Kürt halkının üzerinde yaşadığı bölge coğrafyasındaki diğer hemen hemen bütün halkların bağımsız devletleri mevcuttur. Türklerin, Farsların, Arapların bağımsız devletleri vardır. Bu bağımsız devletlerin sistemleri doğru olmayabilir, beğenilmeyebilir, kötü de olabilir, ama o halka bağımsızlığı tatırıyor. O halkın hem savunmasını hem de halk olarak sahip olduğu değerlerin korunup güvenliğini sağlıyor.
Kürt halkının ise ülkesinde, coğrafyasında hem güvenliği, hem siyasal-politik hem de demokratik güvencesi bulunmuyor. Kürt halkının varlığı ve güzencesi sömürgeci devletlerin insafına kalmıştır. Yakın tarih boyunca da böyle olmuş, sömürülmüş, ezilmiş, horlanmış, yok sayılmış, imha edilmesi yönünde hertürlü uygulamaya maruz kalmıştır. Tarih boyunca sömürgeciler Kürtlere karşı insafları pek işlememiş, nasırlaşmış, duymazdan gelerek sadece imhaya odaklanmıştır.
Bu koşulları yaşayan mazlumların mazlumu bu halk önce bağımsız olmayı, sömürge olmaktan kurtulmayı hedeflemez mi?
Bu halkın düşmanları dışında, aklı başında ve halkı azcık da olsa halk ve insan olarak gören ve seven herkes \'\'önce bağımsız\'\' olmasını tavsiye eder. Nedeni çok açık; dünya üzerinde yaşayan bütün halklar evrensel hukuktan kaynaklanan \'\'halksal hakları\'\' nı talep etmiş, kavuşmuş ve günümüzde o haklarıyla yaşamını sürdürüyor. Kürtlerin de en doğal hakkı bu ve bunu istemesi, talep etmesi, uğrunda demokratik mücadele etmesi tavsiye edilir, önerilir ve beklenir.

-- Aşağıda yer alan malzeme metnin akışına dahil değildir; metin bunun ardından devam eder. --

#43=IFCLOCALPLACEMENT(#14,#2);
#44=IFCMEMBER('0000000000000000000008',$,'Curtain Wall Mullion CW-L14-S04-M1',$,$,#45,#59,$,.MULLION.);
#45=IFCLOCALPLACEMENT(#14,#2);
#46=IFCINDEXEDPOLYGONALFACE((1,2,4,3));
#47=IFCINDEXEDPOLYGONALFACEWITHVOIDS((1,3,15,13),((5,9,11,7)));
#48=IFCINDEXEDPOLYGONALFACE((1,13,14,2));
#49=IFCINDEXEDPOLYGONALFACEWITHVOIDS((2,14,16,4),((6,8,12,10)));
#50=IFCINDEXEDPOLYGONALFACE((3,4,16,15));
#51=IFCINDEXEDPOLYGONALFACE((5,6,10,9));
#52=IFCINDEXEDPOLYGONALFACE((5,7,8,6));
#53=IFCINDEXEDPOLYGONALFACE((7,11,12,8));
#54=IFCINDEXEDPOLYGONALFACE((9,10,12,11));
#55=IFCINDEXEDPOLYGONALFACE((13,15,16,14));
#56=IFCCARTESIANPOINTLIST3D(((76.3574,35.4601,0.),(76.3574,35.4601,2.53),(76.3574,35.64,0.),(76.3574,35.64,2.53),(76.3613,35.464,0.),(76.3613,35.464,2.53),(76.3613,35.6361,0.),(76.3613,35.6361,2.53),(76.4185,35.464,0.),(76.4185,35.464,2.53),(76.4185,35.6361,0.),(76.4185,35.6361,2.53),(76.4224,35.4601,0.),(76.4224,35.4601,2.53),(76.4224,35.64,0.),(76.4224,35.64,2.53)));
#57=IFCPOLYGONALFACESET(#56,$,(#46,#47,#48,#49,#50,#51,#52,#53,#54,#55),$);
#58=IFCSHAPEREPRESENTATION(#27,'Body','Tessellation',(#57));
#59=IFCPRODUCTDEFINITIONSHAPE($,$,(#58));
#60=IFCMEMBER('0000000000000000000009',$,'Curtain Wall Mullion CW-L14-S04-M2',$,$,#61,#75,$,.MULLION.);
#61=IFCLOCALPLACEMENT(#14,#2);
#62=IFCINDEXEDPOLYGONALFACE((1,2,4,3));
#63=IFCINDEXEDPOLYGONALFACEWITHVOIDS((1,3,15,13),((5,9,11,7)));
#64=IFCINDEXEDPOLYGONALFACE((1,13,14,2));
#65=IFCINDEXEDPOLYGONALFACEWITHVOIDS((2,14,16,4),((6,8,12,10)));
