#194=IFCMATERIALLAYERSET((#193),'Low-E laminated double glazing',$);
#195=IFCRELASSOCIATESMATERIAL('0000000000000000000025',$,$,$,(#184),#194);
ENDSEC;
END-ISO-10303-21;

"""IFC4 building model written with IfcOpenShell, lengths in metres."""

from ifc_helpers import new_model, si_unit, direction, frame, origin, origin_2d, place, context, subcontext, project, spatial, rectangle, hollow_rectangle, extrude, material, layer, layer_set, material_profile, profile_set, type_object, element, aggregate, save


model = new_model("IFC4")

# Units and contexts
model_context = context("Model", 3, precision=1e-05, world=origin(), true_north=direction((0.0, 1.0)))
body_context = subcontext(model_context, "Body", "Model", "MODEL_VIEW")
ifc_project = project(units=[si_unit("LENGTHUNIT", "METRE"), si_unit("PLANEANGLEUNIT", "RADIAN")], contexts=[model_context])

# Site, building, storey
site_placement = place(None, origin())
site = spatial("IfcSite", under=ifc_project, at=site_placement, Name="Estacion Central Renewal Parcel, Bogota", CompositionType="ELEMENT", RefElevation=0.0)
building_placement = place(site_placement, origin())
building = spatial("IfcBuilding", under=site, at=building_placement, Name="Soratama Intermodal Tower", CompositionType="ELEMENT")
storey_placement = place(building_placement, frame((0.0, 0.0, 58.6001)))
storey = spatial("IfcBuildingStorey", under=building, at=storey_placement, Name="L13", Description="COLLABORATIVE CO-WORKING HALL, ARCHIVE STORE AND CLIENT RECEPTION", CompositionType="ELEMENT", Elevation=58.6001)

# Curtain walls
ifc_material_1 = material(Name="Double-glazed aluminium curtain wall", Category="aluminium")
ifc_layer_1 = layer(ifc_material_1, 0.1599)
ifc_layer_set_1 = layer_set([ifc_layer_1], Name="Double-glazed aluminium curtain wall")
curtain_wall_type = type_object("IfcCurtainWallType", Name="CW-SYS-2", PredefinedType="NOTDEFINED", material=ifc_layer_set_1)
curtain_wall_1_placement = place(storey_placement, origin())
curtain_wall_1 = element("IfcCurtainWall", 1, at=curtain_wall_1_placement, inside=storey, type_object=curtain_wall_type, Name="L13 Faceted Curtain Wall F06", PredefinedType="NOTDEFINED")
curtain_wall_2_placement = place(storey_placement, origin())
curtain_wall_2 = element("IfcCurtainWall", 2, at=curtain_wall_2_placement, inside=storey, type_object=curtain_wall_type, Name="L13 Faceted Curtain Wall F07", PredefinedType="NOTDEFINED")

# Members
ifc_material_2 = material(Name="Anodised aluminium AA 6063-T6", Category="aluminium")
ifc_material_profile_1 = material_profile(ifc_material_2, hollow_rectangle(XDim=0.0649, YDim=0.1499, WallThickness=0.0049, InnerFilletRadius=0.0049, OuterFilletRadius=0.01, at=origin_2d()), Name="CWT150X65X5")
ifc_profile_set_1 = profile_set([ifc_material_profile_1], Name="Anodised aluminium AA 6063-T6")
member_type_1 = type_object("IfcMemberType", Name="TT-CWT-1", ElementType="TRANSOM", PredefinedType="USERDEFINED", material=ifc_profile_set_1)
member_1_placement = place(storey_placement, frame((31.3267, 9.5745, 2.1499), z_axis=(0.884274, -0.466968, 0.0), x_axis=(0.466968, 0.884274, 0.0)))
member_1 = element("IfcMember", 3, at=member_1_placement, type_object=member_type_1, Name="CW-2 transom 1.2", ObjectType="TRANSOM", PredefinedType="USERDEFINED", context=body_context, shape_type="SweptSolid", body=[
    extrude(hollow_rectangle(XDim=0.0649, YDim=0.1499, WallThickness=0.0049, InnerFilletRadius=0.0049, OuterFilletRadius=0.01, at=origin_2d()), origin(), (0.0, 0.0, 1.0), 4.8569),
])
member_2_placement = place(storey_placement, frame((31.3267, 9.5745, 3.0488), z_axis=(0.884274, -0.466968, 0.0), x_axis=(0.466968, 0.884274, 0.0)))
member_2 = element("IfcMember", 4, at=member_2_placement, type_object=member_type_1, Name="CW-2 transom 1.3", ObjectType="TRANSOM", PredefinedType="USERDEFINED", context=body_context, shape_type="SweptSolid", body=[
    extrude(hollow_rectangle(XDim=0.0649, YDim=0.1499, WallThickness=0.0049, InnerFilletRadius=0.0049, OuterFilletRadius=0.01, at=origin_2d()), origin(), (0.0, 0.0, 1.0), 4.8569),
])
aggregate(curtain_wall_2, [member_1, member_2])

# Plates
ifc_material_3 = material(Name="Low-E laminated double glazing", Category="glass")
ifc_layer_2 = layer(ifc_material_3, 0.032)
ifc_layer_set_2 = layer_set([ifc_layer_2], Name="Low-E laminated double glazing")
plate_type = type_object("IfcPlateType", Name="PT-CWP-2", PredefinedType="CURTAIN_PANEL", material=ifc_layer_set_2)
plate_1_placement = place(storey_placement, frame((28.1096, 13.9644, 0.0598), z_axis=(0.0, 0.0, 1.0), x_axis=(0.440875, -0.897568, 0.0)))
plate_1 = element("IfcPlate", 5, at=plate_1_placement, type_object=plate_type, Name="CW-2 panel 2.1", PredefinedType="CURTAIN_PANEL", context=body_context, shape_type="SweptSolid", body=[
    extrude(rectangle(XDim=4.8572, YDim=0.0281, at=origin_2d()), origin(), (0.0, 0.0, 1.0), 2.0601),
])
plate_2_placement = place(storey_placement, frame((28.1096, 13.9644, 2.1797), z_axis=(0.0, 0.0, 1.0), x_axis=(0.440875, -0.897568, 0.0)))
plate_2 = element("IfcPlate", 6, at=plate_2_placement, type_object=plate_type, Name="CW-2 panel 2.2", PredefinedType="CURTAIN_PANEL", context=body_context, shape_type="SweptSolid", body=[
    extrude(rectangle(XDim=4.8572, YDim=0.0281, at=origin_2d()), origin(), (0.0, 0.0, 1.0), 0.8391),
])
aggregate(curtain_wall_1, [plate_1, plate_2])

Bugün bazı çevreler Kürt halkının önüne \'\'Türkleri, Arapları, Farsları\'\' güye kendi dikta rejimlerinden kurtarmayı hedef olarak koyuyor. Kürtler güya önce ve sonuna kadar bu devletlerin diktatör rejimlerini \'\'demokratik ulus\'\' paradigmasına dönüştürme mücadelesi vermeliler. Verecekleri bu kutsal mücadele ile yetinmesin \'\'komünal ekonomik model\'\' inşa de etsinler. Böylece hem sömürgeci devletleri demokratikleştirmiş olacak, hem de komünalist ekonomik model inşa ederek insanlığı kurtarmış olacaklar. İşte Kürtlerin önünde bugün bu ulvi ve yüce bir görev konulmuş, duruyor.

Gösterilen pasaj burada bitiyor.